There are several photo utility programs that can display the EXIF tags, including the free program Photo Studio from www.stuffware.co.uk. See also www.exif.org. Some of these can remove all the tags, and, less commonly, modify them. An easy way to remove all the EXIF tags is to open the JPEG file in MS Paint (which is included in Windows) then use File / Save As to save the file as a .jpg file under a different name.

So, if you are concerned about personal privacy, you should remove the EXIF tags (or at least edit them) from any digital photos that you make available on the Internet via web pages, email, etc.


Aug 21, 2005: Most useful computer gadget: the USB memory drive

These tiny devices plug into a USB slot on your computer and appear to your computer as a read/write hard disk drive.
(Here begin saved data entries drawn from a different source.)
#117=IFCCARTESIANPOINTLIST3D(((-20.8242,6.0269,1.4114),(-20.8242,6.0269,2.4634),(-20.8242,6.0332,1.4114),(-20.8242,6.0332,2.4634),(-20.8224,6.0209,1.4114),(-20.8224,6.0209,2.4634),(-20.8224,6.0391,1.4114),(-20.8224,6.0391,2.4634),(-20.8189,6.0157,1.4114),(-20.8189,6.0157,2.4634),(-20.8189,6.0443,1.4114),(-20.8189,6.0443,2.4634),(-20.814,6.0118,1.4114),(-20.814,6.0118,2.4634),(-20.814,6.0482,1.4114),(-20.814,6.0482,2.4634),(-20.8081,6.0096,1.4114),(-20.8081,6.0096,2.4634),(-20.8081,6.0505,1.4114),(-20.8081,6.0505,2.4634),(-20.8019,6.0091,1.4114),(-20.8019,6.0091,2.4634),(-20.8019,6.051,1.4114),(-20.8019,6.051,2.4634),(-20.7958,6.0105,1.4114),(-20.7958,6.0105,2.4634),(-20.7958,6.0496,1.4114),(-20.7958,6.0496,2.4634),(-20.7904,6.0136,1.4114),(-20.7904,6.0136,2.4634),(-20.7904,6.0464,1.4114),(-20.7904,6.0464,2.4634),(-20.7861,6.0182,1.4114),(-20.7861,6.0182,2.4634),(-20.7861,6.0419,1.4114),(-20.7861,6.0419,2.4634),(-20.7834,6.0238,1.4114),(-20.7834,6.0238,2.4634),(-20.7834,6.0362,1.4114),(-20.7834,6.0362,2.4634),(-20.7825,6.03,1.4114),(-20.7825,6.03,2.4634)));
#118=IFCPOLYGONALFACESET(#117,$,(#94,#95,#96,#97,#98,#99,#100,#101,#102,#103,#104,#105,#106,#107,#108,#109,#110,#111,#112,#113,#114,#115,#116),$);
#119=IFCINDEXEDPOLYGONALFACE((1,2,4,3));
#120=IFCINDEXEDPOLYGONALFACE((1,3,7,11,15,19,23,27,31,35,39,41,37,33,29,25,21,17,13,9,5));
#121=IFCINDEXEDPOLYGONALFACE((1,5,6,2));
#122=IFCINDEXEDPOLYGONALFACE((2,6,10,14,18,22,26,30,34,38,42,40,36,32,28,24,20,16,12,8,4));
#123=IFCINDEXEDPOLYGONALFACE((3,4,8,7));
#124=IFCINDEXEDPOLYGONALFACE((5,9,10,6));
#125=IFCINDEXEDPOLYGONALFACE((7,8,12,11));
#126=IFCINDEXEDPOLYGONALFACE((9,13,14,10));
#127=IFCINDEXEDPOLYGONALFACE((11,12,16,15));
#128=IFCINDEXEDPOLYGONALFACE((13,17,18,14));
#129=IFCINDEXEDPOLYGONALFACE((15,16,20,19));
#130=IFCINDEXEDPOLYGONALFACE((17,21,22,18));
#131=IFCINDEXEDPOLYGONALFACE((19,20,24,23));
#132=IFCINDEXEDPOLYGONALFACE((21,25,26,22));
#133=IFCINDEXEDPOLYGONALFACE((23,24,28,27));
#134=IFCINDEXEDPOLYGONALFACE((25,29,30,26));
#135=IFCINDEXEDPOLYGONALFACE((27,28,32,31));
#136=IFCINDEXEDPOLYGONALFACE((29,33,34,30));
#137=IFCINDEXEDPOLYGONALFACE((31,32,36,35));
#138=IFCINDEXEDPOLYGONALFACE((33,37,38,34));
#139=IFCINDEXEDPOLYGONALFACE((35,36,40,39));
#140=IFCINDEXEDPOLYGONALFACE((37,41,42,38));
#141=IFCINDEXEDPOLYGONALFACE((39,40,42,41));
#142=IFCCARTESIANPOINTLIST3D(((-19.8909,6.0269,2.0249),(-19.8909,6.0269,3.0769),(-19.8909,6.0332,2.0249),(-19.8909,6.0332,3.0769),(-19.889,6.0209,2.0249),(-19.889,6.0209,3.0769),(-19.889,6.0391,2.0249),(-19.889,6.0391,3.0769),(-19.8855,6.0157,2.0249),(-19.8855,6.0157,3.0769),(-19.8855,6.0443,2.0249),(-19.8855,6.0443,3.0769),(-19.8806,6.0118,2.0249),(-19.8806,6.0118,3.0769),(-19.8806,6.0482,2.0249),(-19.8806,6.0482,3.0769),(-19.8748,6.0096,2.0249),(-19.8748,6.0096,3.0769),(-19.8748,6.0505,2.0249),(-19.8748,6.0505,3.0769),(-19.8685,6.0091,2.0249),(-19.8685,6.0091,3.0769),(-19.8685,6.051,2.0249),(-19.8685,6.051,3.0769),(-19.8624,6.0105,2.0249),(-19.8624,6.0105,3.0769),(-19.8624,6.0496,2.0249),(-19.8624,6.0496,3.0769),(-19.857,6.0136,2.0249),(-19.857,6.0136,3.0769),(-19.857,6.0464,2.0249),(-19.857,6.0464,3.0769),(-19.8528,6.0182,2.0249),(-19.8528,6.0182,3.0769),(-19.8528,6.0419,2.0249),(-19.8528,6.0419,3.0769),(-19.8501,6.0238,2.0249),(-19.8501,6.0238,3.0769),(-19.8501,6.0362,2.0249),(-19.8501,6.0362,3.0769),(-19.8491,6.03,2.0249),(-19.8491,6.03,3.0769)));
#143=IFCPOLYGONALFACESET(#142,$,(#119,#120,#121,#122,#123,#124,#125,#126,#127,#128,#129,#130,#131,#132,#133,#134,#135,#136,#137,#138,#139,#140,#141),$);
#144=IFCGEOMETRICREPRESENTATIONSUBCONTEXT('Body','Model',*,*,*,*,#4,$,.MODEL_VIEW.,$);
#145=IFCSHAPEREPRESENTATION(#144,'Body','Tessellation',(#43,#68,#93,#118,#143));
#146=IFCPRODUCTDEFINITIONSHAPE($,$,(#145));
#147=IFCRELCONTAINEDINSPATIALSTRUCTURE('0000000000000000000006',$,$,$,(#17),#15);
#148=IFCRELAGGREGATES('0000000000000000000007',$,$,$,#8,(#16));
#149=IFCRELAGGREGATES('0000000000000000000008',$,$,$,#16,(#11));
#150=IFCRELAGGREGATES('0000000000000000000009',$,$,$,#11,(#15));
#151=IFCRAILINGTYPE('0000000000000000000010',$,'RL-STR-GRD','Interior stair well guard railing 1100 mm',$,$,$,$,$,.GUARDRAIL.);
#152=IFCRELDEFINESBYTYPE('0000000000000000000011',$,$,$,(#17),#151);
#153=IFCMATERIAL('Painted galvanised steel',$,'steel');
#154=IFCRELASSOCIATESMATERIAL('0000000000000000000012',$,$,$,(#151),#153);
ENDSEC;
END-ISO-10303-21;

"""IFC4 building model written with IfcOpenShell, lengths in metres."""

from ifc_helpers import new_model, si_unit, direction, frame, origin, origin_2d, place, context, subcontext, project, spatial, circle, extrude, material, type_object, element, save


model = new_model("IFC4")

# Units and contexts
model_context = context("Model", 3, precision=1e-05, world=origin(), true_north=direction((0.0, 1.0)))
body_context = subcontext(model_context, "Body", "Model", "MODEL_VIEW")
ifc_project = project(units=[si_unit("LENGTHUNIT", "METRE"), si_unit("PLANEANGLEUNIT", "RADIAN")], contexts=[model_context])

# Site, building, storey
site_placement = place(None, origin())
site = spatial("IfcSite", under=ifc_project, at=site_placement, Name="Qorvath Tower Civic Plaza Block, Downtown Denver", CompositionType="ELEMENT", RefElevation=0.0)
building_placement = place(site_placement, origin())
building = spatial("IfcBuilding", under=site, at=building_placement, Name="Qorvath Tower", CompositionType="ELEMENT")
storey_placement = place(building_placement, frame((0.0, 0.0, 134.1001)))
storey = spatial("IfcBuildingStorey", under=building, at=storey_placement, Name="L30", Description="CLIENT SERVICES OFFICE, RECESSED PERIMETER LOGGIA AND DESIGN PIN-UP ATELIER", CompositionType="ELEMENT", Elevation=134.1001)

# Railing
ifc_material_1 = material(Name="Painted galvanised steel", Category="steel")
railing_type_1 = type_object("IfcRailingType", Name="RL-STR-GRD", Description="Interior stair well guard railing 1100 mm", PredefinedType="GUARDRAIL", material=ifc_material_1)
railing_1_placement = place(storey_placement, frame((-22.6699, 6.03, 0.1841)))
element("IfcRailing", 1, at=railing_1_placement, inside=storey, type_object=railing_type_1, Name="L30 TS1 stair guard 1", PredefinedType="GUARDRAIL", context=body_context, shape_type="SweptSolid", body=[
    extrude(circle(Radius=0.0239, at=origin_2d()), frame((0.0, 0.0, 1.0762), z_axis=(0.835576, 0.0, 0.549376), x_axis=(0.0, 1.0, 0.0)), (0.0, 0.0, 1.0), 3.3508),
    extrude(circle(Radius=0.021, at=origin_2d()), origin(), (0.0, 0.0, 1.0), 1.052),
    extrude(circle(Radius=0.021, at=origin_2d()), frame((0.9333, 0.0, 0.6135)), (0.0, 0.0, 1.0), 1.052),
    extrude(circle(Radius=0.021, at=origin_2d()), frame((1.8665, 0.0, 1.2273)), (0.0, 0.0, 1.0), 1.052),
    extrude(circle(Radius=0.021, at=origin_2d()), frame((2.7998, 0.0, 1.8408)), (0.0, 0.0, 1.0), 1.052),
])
For example, in Windows 2000 and XP, they appear as a new drive letter in "My Computer". Capacity ranges from 128 megabytes to severa1 GB (1 GB = 1024 megabytes). For comparison, one CD holds 700 megabytes. They are inexpensive, small enough to fit in a shirt pocket, and quite rugged. I heard a story of one surviving a trip through a washing machine. Most support the USB 2.0 standard, which gives a very high data transfer speed (similar to the speed of a real hard drive). They are also automatically compatible with the USB 1.1 standard (slower but still quite fast) found on older computers. You don't have to restart your computer when you plug or unplug the USB drive. They DO work on Windows 98, but installation is more difficult since you have to provide the driver software.

They have a multitude of uses. Use them instead of a diskette drive. Use them to transfer files between machines. Use them to keep backup copies of important files (at least until you have time to copy the files to a CD).

Note: Some MP3 music players can also act like a USB memory drive.